Se, quindi, sul presidente si può anche sorvolare, lo stesso non si può fare con Cosentino, dal momento che da quest’estate non si occupa più solo di mercato, ma è a tutti gli effetti un “plenipotenziario”. Ciò che va rimproverato all’argentino non è l’approccio con la stampa, sempre cordiale, ma le lacune e le tempistiche della comunicazione. Da questo punto di vista possiamo dire che Sergio Gasparin è stato un maestro. Nel suo anno di gestione non c’era un aspetto della vita societaria che non fosse corredato della sua presenza, da conferenze, da presentazioni, da dichiarazioni, sia che si trattasse di nuove maglie, sponsor o persino promozioni dei negozi ufficiali, sia che avesse a che fare con gli aspetti puramente tecnici (l’ex ad si soffermava spesso e volentieri coi giornalisti negli spogliatoi).

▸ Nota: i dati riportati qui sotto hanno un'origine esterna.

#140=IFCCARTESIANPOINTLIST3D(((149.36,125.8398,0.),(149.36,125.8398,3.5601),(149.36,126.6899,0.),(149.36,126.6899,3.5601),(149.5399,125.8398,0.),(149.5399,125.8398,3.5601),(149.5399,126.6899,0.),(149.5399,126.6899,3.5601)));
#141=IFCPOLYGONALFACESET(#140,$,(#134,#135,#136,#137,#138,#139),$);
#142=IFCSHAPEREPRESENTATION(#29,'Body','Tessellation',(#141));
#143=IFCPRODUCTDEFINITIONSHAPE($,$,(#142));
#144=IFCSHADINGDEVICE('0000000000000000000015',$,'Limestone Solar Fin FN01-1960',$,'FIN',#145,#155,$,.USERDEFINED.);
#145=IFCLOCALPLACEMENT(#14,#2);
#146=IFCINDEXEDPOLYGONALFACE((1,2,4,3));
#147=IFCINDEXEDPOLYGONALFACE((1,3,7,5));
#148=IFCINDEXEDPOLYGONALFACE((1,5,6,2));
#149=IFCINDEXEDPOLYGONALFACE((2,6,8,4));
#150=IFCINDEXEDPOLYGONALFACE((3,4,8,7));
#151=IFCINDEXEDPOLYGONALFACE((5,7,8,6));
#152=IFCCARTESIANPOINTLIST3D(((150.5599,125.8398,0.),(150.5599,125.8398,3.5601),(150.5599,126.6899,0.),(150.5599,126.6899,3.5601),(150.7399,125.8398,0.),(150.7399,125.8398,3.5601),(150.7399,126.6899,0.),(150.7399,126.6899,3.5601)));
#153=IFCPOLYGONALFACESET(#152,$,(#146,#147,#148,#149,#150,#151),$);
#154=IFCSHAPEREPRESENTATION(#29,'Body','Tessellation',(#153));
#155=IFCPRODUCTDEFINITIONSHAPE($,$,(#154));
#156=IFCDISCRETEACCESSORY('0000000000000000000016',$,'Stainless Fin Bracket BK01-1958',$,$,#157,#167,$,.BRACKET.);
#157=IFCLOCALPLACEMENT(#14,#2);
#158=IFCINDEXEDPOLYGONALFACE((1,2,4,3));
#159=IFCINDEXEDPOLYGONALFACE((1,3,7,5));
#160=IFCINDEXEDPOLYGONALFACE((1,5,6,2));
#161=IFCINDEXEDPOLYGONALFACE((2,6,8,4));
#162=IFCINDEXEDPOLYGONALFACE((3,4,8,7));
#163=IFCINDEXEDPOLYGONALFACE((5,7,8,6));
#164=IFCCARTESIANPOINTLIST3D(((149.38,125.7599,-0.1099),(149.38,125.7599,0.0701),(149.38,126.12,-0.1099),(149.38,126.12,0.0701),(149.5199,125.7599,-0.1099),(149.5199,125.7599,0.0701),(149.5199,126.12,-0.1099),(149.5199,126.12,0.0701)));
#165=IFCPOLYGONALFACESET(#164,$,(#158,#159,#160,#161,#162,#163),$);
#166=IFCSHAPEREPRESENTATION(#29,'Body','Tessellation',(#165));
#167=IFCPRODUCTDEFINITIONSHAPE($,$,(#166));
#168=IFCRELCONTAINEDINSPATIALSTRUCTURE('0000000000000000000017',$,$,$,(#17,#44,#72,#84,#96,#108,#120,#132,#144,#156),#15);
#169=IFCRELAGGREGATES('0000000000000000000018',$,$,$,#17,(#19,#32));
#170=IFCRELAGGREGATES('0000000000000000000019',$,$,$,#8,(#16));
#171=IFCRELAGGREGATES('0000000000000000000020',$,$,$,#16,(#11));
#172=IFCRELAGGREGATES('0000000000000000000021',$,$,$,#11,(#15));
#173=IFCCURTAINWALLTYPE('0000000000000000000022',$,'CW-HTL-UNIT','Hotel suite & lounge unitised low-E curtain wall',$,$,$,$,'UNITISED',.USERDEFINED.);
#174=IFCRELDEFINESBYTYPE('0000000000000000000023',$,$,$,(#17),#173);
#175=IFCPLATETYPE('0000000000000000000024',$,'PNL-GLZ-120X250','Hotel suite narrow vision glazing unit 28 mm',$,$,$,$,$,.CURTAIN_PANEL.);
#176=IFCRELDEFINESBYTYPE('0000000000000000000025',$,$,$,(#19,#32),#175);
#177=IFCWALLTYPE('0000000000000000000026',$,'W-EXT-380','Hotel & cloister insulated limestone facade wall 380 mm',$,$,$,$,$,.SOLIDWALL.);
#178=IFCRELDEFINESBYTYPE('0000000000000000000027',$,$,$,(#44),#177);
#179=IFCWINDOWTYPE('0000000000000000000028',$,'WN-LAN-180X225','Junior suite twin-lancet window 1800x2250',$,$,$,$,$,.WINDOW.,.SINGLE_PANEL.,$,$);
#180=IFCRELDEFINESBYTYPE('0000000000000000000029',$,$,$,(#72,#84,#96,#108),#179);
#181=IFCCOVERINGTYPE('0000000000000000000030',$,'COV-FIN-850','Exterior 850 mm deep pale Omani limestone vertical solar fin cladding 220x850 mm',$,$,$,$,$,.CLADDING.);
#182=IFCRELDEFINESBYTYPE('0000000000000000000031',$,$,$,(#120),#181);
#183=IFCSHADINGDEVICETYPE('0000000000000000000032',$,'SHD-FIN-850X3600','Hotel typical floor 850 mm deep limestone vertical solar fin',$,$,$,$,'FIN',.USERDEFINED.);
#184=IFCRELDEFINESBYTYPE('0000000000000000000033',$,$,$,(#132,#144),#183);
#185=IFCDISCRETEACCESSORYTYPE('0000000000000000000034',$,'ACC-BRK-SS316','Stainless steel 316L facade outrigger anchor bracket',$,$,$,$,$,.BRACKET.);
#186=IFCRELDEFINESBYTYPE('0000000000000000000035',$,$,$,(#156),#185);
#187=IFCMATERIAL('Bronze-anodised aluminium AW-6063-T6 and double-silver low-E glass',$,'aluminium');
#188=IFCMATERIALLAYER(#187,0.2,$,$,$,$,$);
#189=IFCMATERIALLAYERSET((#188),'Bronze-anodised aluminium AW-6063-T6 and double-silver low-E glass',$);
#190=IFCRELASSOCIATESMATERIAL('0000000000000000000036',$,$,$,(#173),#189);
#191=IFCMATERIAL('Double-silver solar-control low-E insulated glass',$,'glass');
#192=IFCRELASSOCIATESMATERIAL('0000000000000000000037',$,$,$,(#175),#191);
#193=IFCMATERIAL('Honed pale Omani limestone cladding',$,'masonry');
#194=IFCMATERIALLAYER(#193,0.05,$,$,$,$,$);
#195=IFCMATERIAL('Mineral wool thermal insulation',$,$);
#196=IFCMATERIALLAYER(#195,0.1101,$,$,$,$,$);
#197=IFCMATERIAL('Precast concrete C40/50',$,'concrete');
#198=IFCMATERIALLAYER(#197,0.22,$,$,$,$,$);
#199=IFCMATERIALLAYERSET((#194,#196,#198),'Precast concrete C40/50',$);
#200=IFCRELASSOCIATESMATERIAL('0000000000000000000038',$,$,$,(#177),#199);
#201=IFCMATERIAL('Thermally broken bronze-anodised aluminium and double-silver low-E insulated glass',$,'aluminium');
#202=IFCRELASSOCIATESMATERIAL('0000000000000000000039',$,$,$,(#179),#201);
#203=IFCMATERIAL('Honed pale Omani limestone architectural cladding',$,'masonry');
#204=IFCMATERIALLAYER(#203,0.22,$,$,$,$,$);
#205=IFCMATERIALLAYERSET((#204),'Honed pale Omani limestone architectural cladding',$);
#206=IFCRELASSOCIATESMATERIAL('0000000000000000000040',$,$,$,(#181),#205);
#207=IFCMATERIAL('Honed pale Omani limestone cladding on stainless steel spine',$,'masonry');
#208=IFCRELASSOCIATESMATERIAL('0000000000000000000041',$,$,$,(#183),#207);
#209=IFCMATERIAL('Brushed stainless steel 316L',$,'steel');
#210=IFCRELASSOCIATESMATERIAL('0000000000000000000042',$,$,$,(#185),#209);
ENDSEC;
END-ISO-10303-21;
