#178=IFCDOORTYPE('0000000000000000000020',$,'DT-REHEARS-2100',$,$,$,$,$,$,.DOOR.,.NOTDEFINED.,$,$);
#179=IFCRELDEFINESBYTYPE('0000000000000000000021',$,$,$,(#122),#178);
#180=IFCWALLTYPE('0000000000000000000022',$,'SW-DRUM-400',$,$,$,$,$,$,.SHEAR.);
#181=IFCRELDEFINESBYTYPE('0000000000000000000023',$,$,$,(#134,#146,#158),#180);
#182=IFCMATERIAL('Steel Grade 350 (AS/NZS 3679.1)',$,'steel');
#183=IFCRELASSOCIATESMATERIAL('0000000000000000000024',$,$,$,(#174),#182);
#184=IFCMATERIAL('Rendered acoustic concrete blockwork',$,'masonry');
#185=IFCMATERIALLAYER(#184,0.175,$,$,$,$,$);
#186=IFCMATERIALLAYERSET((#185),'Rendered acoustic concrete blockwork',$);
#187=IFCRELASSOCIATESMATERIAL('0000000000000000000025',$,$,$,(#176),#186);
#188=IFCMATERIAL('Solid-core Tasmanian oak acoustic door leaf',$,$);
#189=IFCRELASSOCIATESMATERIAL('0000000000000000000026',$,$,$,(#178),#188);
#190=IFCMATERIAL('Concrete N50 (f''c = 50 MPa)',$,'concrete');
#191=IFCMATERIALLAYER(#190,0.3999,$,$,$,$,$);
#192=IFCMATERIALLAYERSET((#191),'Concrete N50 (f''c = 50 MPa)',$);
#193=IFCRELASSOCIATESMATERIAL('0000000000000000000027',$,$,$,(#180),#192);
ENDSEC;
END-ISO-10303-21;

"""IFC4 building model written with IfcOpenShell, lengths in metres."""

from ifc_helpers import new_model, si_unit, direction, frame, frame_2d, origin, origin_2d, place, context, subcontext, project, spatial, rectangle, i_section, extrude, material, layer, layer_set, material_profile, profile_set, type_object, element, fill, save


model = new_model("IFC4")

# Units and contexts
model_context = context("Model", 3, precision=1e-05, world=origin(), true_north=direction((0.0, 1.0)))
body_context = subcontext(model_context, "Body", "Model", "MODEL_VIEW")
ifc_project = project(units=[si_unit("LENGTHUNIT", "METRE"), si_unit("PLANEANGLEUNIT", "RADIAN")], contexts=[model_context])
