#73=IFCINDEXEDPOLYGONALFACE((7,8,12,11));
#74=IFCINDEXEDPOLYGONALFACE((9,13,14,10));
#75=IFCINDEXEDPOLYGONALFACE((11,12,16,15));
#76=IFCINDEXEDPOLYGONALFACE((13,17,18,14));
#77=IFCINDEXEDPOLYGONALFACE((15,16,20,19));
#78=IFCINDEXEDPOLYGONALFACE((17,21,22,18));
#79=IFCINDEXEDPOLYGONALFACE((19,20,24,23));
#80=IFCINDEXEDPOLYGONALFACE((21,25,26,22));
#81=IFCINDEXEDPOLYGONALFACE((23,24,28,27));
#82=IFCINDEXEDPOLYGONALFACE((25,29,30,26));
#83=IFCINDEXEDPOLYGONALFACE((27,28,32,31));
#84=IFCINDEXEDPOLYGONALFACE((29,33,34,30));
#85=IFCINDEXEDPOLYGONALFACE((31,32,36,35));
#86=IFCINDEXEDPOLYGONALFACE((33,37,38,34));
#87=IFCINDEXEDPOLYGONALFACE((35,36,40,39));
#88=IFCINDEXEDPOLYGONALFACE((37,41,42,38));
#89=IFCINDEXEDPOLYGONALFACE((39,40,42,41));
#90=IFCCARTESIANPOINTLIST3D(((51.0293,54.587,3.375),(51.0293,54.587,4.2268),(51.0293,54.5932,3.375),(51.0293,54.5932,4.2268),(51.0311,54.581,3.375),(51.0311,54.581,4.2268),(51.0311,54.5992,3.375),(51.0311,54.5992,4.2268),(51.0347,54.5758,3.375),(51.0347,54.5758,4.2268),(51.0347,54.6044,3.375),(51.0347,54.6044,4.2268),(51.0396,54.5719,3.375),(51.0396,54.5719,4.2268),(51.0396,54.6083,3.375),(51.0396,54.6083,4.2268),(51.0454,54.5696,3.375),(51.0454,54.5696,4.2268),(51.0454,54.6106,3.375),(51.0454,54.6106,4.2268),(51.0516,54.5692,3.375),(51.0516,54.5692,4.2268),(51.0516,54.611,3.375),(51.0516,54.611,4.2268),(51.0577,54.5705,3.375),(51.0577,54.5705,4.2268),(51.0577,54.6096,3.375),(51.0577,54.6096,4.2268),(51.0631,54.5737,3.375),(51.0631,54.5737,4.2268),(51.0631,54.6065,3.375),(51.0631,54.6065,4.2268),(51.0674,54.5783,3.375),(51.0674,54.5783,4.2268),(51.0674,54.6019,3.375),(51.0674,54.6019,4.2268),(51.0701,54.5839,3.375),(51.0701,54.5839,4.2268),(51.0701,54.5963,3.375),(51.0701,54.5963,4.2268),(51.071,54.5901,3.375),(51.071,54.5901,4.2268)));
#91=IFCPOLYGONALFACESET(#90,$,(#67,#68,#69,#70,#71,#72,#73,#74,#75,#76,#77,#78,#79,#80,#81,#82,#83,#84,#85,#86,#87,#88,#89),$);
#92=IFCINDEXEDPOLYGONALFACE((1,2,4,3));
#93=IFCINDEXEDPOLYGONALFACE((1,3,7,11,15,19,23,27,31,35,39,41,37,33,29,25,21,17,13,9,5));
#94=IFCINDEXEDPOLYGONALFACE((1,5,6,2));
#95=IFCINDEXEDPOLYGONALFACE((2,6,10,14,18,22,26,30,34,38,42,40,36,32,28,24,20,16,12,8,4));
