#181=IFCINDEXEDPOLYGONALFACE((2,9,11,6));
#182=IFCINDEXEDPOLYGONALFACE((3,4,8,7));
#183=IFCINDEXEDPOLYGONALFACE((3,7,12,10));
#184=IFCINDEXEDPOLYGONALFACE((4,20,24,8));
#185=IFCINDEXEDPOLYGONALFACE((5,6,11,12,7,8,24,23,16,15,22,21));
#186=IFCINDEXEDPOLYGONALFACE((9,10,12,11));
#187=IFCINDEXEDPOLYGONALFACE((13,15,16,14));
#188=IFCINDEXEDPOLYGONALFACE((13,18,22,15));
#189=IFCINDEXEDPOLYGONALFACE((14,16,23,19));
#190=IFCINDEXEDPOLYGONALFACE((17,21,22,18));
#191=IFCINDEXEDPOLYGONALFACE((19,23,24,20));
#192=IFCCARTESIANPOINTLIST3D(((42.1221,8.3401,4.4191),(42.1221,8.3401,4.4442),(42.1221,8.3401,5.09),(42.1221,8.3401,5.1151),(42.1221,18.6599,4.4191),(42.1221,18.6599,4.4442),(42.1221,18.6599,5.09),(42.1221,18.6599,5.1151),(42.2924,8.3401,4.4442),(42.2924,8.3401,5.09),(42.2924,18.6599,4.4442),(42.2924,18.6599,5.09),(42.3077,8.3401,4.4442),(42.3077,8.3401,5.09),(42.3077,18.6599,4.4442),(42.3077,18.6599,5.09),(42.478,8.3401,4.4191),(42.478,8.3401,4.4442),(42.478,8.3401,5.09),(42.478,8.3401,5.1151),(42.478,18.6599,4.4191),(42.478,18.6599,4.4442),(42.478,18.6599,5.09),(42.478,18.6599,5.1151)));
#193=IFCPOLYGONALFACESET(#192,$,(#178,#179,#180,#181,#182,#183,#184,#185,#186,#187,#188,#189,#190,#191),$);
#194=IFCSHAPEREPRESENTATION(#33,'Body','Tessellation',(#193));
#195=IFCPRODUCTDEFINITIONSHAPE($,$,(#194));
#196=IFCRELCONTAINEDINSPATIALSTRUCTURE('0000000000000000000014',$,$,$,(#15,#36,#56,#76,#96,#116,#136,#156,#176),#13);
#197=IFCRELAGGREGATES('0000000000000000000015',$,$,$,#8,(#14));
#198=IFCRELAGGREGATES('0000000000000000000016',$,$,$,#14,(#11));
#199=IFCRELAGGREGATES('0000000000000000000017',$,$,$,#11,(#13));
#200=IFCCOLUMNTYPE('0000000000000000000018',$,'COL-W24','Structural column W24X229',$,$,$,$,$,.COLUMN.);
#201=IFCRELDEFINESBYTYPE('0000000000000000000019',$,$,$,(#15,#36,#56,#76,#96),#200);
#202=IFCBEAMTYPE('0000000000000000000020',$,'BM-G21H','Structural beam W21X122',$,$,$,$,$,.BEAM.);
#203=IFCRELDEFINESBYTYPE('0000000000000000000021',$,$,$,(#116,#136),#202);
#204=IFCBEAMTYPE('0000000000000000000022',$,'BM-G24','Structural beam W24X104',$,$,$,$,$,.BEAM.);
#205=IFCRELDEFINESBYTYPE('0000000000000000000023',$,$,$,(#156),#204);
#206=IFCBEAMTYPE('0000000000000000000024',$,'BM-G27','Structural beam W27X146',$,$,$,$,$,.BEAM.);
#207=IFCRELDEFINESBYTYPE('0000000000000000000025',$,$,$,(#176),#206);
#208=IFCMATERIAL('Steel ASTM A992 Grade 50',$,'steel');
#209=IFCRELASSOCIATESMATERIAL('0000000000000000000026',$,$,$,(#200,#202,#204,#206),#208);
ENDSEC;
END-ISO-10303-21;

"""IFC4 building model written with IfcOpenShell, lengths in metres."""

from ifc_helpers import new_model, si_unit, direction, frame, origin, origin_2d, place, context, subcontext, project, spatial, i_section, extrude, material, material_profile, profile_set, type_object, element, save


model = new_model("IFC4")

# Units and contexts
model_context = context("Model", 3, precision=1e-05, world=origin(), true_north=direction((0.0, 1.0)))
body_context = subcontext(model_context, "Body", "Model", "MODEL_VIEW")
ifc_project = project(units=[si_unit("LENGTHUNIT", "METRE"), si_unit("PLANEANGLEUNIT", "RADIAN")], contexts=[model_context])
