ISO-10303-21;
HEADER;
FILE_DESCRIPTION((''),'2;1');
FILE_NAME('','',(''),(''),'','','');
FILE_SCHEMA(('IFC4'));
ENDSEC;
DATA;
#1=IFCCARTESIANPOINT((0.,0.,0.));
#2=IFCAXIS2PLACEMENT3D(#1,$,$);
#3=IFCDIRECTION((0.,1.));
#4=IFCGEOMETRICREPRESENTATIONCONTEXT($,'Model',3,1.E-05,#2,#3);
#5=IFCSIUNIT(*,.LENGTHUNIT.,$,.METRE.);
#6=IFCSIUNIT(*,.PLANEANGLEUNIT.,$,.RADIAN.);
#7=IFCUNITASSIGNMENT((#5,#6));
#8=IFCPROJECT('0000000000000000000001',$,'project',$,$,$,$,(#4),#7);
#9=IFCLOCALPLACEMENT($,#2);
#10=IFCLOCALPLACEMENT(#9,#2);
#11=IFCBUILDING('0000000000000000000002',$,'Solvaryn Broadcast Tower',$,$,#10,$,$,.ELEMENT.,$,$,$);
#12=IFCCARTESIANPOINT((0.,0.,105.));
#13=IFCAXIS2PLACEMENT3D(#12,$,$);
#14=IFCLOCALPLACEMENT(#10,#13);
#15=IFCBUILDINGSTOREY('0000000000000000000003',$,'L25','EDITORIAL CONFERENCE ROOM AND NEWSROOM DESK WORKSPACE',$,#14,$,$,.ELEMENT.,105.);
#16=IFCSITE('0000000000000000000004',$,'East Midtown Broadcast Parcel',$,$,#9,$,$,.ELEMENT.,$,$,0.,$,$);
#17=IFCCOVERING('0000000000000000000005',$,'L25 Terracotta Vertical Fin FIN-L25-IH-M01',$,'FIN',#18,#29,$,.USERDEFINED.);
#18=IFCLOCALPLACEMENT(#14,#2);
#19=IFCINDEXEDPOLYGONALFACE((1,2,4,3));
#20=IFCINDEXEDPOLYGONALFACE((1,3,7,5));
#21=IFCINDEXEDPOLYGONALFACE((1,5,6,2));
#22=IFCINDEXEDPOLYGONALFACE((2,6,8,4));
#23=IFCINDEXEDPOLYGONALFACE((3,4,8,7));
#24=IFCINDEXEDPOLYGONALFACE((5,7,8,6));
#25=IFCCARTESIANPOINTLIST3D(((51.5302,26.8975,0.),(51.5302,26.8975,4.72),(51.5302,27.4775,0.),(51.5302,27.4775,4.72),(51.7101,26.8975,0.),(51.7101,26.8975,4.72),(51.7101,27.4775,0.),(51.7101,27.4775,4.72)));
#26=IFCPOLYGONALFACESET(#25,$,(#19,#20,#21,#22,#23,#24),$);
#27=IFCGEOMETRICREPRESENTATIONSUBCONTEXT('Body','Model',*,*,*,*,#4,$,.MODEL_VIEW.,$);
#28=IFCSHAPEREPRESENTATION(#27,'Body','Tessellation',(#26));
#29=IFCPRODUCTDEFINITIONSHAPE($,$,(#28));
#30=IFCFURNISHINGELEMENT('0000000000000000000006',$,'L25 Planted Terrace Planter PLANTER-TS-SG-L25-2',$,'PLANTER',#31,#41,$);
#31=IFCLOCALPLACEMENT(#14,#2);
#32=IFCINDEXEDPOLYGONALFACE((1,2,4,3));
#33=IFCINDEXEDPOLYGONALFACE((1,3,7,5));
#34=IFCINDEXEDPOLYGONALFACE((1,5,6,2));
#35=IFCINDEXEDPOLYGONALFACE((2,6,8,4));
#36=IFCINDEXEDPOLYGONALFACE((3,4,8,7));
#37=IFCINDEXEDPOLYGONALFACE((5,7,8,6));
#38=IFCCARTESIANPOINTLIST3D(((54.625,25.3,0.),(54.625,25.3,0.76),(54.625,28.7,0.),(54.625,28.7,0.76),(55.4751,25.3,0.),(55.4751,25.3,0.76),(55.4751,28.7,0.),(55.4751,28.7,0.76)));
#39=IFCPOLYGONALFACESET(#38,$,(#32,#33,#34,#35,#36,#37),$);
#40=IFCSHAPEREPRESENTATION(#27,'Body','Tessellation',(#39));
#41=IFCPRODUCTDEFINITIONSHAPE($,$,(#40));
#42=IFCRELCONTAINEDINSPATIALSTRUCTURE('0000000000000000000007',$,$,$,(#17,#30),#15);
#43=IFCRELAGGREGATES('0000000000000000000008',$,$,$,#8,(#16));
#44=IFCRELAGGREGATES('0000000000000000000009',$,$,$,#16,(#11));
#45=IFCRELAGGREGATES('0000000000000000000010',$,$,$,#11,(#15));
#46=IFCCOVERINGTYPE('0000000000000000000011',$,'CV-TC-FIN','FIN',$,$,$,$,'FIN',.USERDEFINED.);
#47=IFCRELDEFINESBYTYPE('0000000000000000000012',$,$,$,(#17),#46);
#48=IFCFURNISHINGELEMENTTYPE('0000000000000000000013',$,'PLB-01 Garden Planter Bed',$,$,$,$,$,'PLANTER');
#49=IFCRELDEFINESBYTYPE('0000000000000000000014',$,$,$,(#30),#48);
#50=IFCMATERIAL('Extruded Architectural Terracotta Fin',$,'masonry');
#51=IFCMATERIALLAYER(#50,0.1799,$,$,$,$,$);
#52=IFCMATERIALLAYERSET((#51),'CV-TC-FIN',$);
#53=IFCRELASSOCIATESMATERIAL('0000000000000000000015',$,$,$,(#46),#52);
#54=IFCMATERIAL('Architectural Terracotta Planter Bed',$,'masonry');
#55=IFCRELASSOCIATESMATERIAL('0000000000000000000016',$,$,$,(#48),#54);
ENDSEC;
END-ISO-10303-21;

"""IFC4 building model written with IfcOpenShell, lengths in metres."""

from ifc_helpers import new_model, si_unit, direction, frame, origin, origin_2d, place, context, subcontext, project, spatial, rectangle, extrude, material, layer, layer_set, type_object, element, save


model = new_model("IFC4")

# Units and contexts
model_context = context("Model", 3, precision=1e-05, world=origin(), true_north=direction((0.0, 1.0)))
body_context = subcontext(model_context, "Body", "Model", "MODEL_VIEW")
ifc_project = project(units=[si_unit("LENGTHUNIT", "METRE"), si_unit("PLANEANGLEUNIT", "RADIAN")], contexts=[model_context])

# Site, building, storey
site_placement = place(None, origin())
site = spatial("IfcSite", under=ifc_project, at=site_placement, Name="East Midtown Broadcast Parcel", CompositionType="ELEMENT", RefElevation=0.0)
building_placement = place(site_placement, origin())
building = spatial("IfcBuilding", under=site, at=building_placement, Name="Solvaryn Broadcast Tower", CompositionType="ELEMENT")
storey_placement = place(building_placement, frame((0.0, 0.0, 105.0)))
storey = spatial("IfcBuildingStorey", under=building, at=storey_placement, Name="L25", Description="EDITORIAL CONFERENCE ROOM AND NEWSROOM DESK WORKSPACE", CompositionType="ELEMENT", Elevation=105.0)

# Covering
ifc_material_1 = material(Name="Extruded Architectural Terracotta Fin", Category="masonry")
ifc_layer_1 = layer(ifc_material_1, 0.1799)
ifc_layer_set_1 = layer_set([ifc_layer_1], Name="CV-TC-FIN")
covering_type_1 = type_object("IfcCoveringType", Name="CV-TC-FIN", Description="FIN", ElementType="FIN", PredefinedType="USERDEFINED", material=ifc_layer_set_1)
for number, where, z_axis, x_axis, name in (
    (1, (51.6201, 27.1875, 0.0), (0.0, 0.0, 1.0), (1.0, 0.0, 0.0), "L25 Terracotta Vertical Fin FIN-L25-IH-M01"),
):
    element("IfcCovering", number, at=place(storey_placement, frame(where, z_axis=z_axis, x_axis=x_axis)), inside=storey, type_object=covering_type_1, Name=name, ObjectType="FIN", PredefinedType="USERDEFINED", context=body_context, shape_type="SweptSolid", body=[
        extrude(rectangle(XDim=0.1799, YDim=0.5801, at=origin_2d()), origin(), (0.0, 0.0, 1.0), 4.72),
    ])

# Furnishing element
ifc_material_2 = material(Name="Architectural Terracotta Planter Bed", Category="masonry")
furnishing_element_type = type_object("IfcFurnishingElementType", Name="PLB-01 Garden Planter Bed", ElementType="PLANTER", material=ifc_material_2)
furnishing_placement = place(storey_placement, frame((55.05, 27.0, 0.0), z_axis=(0.0, 0.0, 1.0), x_axis=(1.0, 0.0, 0.0)))
element("IfcFurnishingElement", 2, at=furnishing_placement, inside=storey, type_object=furnishing_element_type, Name="L25 Planted Terrace Planter PLANTER-TS-SG-L25-2", ObjectType="PLANTER", context=body_context, shape_type="SweptSolid", body=[
    extrude(rectangle(XDim=0.8501, YDim=3.3999, at=origin_2d()), origin(), (0.0, 0.0, 1.0), 0.76),
])

save(model, "model.ifc")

Da quando si è insediato Pablo Cosentino invece le lacune sono molte, evidenti, e intollerabili per la reputazione che una società come il Catania di Pulvirenti si è costruita nel tempo: alludiamo per esempio alle nuove maglie, non ancora presentate a un mese di distanza dall’esordio ufficiale in Coppa Italia col Südtirol, nonostante una maglia da trasferta nuova di zecca sia stata sfoggiata proprio nell’ultima partita contro il Perugia; alludiamo allo sponsor: la catena “Fortè”, apparsa sulle maglie etnee nell’ultimo match, è lo sponsor definitivo o si tratta di una soluzione intermedia? E dopo aver concluso importanti accordi con altrettanto importanti agenzie di marketing, come mai il Catania è rimasto senza sponsor principale durante le prime partite? Alludiamo, anche, alla comunicazione sulla composizione dell’organico e sui trasferimenti. Perché le cessioni di Barrientos e Maxi Lopez, per esempio, sono state ufficializzate circa un mese dopo l’annuncio di acquisto da parte di San Lorenzo e Chievo? Perché non è stato mai reso noto ufficialmente l’elenco dei convocati al ritiro di Torre del Grifo? Perché la famosa “lista dei 25” è stata ufficializzata soltanto prima del match con la Virtus Lanciano? Altre società, della stessa categoria, come il Trapani, non certo di maggior spessore, hanno comunicato il tutto, comprensivo di numeri di maglia, già a metà agosto.

Si tratta solo di spunti (tutti comunque basati su dati comprovati o fatti accaduti) ma ci auguriamo che la società ne faccia tesoro e ne tenga conto per proseguire il programma di rilancio già avviato, ma al momento in fase di sofferto stallo.